Member of the French Senate for Loire
- In office 1983–2001

Member of the National Assembly for Loire's 2nd constituency
- In office 1958–1981
- Succeeded by: Bruno Vennin

Personal details
- Born: Lucien Louis Neuwirth 18 May 1924 Saint-Étienne, France
- Died: 26 November 2013 (aged 89) Paris, France
- Party: RPR
- Spouse(s): Marinette Didier Sophie Huet ​(m. 1999)​
- Children: 1
- Education: Lycée Claude-Fauriel

= Lucien Neuwirth =

French politician

Lucien Neuwirth (18 May 1924 – 26 November 2013) was a French politician first elected to the French National Assembly in 1958. The eponymous Neuwirth Law legalized birth control in France on 28 December 1967.

== Biography ==
Born in 1924, Neuwirth joined the French Resistance in 1940 and was arrested by the Vichy police. He later escaped through Spain. He was in London in 1944, where he discovered birth control which was then banned from France. He joined the Free French paratroopers and fought in Brittany, Belgium and the Netherlands, where he was wounded and taken prisoner in April 1945. He miraculously survived a firing squad, being only wounded by his captors.

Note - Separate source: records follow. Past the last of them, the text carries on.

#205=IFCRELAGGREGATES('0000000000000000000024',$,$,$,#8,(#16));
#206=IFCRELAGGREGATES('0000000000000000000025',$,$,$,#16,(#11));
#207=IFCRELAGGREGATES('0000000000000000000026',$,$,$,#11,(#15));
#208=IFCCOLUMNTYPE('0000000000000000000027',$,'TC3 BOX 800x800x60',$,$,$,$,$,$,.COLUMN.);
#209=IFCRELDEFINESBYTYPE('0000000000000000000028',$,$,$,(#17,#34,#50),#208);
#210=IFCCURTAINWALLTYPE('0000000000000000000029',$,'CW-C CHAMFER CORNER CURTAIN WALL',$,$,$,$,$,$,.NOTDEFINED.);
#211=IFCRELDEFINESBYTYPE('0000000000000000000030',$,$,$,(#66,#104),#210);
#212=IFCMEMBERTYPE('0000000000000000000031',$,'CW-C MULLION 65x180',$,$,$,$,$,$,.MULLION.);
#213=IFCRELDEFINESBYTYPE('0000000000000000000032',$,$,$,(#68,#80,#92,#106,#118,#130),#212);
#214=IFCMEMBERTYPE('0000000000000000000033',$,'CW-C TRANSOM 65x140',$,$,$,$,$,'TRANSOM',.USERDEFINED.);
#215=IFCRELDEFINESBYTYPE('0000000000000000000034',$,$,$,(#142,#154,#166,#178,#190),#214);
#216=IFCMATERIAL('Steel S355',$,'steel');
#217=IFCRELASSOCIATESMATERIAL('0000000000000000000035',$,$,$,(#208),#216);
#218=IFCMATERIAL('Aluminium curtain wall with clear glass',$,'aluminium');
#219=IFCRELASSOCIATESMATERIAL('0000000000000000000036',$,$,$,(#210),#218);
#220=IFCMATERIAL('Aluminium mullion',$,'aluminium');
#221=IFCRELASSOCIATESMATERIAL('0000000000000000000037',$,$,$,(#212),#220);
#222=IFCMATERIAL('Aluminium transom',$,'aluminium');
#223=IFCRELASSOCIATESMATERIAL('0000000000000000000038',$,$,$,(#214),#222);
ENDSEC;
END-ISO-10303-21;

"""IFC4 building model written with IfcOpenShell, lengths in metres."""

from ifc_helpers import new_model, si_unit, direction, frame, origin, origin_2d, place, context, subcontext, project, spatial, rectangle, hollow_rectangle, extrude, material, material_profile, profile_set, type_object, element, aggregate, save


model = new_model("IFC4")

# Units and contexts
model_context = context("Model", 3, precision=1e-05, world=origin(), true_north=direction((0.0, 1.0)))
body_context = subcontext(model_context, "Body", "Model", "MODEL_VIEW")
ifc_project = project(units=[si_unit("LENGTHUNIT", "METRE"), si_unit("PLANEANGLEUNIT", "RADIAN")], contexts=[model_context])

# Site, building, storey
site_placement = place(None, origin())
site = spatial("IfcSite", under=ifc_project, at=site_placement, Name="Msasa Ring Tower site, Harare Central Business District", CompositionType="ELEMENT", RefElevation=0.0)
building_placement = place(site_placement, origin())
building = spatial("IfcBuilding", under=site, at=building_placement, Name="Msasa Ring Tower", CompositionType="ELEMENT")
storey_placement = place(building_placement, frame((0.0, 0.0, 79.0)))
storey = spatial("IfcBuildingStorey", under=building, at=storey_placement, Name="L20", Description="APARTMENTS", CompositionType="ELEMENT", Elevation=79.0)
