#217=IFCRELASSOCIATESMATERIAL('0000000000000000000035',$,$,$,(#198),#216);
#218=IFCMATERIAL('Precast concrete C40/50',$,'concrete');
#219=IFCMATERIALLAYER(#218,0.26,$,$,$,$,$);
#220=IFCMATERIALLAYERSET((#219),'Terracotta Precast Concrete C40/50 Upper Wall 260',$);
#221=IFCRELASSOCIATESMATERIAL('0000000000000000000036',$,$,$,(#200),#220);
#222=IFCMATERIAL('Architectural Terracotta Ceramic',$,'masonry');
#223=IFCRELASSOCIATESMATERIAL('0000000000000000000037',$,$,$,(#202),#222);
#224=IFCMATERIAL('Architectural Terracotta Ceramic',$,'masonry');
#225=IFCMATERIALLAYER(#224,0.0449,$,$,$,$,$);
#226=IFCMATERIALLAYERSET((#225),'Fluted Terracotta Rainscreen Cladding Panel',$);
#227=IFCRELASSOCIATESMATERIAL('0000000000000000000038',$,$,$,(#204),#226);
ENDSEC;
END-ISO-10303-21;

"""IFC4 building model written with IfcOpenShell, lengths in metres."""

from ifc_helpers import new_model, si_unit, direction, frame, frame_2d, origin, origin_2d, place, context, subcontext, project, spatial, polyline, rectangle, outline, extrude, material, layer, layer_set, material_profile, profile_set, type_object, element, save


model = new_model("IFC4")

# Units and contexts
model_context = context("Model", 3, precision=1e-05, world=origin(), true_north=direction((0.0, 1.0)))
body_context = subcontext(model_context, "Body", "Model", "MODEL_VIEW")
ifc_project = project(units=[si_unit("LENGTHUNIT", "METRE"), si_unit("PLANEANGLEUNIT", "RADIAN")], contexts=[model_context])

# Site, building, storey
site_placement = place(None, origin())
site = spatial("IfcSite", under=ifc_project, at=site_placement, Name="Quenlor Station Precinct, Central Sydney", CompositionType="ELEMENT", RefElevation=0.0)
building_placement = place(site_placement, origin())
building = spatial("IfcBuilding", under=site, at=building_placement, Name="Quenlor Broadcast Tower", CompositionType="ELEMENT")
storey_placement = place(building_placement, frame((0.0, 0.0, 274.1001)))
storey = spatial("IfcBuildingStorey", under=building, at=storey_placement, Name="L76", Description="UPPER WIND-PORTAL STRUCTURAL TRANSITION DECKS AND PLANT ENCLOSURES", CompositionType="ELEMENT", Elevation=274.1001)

After the war, Neuwirth joined the Rally of the French People and was elected to the Saint-Étienne city council. During his time in office he learned of the problems caused by unwanted births. As a member of the military reserve force, he spent some time in Algiers around 1958 and helped in the negotiations which led to the end of the French Fourth Republic.

He was elected to the French National Assembly in 1958. With some help from the French birth control movement (Mouvement français du planning familial), he wrote a law draft to legalize birth control in 1966. He faced a violent opposition in his political family, notably the government, and successfully pleaded his case to General De Gaulle himself. The Neuwirth Law was finally voted with left-wing support on 19 December 1967.

Neuwirth remained in the National Assembly until the pink wave of 1981 and was elected to the Senate in 1983. His main cause in his last years was palliative care, for which he supported two laws in 1995 and in 1999. He died in Paris on 26 November 2013 aged 89.